Sie erteilten mir Befehle, drohten mir. Ich konnte es nicht mehr ertragen, sie
schreien und auf mir herumhacken zu hören. Ich wollte ihnen nicht mehr
gehorchen.«
    »Und warum wolltest du nicht mehr
gehorchen? Warum haben die Befehle dich so schockiert?«
    Estelle wendet den Blick ab und sieht
zum Fenster. Sie preßt die Lippen so fest aufeinander, daß sie sich weiß
verfärben.
    Der Mann versucht es noch mal.
    »Wer hat dir außer den Lehrern noch
Unerträgliches befohlen? Wer hat dir gedroht?«
    Estelle hört sich leise antworten.
    »Mein Großvater. Mein Großvater, den
ich hasse. So, sind Sie jetzt zufrieden?«
    Estelle bricht in Tränen aus und
vergräbt das Gesicht im Kopfkissen. Eine Hand streichelt ihr Haar.

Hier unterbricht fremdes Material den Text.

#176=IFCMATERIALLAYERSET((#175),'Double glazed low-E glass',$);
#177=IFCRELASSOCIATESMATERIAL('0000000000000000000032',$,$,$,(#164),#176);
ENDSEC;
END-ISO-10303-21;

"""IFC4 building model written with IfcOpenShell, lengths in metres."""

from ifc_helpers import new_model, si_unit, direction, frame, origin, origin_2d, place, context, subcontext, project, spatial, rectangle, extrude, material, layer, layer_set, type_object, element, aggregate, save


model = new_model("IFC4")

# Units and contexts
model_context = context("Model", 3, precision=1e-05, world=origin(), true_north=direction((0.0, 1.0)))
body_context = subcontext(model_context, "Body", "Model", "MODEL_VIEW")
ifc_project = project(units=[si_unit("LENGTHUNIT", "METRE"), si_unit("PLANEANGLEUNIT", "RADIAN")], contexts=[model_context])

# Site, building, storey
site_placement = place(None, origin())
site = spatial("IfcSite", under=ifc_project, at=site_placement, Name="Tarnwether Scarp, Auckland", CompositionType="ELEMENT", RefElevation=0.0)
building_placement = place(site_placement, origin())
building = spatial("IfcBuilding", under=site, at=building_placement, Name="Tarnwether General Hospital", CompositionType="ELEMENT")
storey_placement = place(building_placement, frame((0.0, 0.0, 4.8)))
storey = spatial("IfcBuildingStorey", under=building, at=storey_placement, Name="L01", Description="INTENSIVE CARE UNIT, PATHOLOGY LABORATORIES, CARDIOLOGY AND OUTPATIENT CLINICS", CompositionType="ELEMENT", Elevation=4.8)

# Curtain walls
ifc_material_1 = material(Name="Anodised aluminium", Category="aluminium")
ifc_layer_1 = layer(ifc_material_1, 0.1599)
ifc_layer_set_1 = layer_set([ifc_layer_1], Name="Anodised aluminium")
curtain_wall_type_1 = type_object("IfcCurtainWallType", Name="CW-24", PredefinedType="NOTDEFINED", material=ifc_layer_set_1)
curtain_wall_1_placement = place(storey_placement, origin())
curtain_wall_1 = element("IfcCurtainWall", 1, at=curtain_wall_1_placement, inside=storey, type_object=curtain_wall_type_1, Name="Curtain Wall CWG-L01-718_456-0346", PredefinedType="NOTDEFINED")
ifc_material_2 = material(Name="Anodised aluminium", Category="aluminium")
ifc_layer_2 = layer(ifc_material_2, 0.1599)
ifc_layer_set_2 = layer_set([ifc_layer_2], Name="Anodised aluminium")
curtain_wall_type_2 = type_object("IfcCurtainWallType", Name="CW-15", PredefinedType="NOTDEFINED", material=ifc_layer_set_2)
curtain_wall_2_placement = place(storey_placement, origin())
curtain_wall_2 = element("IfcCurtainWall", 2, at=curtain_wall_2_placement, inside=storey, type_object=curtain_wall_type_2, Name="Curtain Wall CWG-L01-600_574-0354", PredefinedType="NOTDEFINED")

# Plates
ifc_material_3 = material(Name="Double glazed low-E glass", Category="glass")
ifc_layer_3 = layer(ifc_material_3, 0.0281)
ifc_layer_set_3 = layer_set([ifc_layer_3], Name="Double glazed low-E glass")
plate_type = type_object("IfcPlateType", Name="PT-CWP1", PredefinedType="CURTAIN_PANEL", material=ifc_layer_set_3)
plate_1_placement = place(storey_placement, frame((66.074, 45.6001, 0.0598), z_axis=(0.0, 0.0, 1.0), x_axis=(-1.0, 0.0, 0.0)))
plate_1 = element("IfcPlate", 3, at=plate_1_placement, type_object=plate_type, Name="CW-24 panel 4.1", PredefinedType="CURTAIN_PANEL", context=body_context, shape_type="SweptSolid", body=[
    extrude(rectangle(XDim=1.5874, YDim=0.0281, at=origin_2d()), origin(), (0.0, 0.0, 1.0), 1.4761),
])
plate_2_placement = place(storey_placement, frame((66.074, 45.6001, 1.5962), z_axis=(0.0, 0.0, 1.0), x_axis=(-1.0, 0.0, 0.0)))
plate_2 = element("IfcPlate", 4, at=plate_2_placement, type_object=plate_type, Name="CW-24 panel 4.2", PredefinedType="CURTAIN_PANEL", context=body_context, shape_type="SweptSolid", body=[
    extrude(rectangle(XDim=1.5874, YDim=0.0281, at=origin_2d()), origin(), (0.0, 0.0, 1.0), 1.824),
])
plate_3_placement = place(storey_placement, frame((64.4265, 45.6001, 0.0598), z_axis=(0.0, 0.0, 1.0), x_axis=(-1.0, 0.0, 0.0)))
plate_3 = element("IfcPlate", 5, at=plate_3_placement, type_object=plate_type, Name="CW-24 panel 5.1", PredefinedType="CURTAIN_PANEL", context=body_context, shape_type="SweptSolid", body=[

    »Ruh dich aus. Wir belassen es für
heute dabei. Ich komme morgen früh wieder, und dann setzen wir unsere
Unterhaltung fort, wenn es dir recht ist.«
    Estelle nickt. Ja, es ist ihr recht. O
ja! Das Entsetzen muß aus ihr heraus. Sie ist müde, sie hat Kopfschmerzen, ihre
Erinnerung schmerzt. Aber es muß alles raus. Drei Jahre hat sie eingeschlossen
in ihrem Geheimnis gelebt. Drei Jahre hat sie geschwiegen, geknebelt. Vielleicht
hatte sie nicht mehr das Recht zu leben, wenn sie redete... Aber das Dasein,
das sie die letzten drei Jahre geführt hat, ist kein Leben mehr. Was spielte es
also für eine Rolle? Sie würde reden. Sie würde alles sagen.

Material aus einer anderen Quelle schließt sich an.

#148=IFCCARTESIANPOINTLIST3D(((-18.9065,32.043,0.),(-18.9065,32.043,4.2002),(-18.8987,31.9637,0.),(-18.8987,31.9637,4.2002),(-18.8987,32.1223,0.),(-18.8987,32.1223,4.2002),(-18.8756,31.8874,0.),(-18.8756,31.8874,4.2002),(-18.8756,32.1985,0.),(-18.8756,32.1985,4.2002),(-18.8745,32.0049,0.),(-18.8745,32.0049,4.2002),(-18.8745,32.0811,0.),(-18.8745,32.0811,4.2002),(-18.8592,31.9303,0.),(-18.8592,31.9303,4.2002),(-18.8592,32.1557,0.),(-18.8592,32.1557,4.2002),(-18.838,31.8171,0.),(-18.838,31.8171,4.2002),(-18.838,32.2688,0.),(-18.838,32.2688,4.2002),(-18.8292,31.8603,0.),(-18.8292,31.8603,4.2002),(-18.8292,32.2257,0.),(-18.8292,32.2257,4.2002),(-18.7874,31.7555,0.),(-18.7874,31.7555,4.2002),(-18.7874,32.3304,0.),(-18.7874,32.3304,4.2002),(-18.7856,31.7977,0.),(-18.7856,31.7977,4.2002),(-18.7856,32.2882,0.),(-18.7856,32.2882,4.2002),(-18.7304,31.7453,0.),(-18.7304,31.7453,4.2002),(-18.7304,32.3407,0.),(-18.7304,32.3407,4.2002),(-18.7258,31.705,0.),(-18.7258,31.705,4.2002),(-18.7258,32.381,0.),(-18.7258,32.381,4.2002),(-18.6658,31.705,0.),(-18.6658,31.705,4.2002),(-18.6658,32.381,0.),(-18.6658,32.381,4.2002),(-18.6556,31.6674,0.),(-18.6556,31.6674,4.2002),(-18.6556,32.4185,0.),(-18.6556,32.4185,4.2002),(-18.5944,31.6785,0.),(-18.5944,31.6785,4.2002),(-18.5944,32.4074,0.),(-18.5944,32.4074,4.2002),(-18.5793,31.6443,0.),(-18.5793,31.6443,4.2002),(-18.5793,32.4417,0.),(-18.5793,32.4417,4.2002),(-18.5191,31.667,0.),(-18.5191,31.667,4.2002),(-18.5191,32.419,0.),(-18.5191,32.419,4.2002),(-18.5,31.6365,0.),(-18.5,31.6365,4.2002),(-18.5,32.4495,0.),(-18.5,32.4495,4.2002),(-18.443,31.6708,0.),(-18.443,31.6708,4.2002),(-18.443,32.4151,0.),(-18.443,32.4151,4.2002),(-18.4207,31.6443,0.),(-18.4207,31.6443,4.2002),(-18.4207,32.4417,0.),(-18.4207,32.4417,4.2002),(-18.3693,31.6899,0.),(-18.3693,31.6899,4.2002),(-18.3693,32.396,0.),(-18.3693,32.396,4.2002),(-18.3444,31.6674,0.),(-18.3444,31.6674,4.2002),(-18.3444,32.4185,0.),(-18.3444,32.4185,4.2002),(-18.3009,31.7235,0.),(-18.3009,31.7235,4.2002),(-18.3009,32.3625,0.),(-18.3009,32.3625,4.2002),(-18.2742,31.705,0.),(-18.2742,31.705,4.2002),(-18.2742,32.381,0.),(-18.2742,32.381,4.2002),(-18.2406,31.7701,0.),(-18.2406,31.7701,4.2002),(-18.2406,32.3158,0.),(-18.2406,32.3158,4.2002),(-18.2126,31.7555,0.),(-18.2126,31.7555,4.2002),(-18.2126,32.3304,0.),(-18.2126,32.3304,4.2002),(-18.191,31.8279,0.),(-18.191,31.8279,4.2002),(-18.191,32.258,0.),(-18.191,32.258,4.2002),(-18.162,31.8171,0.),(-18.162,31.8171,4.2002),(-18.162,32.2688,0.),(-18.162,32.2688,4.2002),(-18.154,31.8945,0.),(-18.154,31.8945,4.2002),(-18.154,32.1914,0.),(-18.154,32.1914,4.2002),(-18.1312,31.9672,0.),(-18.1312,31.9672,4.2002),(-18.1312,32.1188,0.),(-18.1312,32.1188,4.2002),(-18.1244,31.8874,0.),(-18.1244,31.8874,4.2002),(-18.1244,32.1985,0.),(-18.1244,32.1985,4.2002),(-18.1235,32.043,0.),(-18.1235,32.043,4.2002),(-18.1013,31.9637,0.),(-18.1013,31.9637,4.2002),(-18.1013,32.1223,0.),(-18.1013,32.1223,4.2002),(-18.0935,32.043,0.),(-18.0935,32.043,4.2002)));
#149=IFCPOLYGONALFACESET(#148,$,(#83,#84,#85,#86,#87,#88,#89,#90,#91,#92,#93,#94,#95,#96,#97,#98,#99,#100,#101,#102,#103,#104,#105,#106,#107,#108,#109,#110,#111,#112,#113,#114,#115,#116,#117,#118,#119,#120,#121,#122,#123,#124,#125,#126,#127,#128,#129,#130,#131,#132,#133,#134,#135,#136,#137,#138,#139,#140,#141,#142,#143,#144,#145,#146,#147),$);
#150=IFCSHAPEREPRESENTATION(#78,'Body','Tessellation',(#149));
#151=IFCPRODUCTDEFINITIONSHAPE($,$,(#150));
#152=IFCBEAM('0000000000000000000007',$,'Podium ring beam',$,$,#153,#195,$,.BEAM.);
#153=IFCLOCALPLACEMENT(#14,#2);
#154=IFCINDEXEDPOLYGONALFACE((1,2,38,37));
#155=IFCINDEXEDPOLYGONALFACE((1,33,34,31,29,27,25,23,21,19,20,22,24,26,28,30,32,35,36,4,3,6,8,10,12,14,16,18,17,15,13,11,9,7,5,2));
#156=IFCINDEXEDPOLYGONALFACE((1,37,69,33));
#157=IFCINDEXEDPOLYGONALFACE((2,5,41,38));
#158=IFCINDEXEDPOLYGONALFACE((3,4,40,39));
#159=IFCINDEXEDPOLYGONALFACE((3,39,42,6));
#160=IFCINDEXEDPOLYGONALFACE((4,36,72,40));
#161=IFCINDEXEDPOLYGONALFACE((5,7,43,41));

    »Estelle, erzähl mir von deinem Großvater,
ja? Warum wohnst du bei ihm?«
    Er ist wieder da. Der Psychiater und
seine gräßlichen Fragen. Estelle hatte gehofft, er würde nicht kommen. Es geht
ihr gar nicht so schlecht in diesem Bett. Allein, ganz allein. Isoliert von
ihrer Familie und der Welt. Warum verlangt man von ihr zu reden? Warum muß sie
sich den Schmerz, die Scham in Erinnerung rufen? Wenn sie sie doch nur in
Frieden lassen würden!
    Und wenn Reden ihr wirklich helfen
könnte, aus dem Tunnel herauszukommen? Wenn der Psychiater recht hätte?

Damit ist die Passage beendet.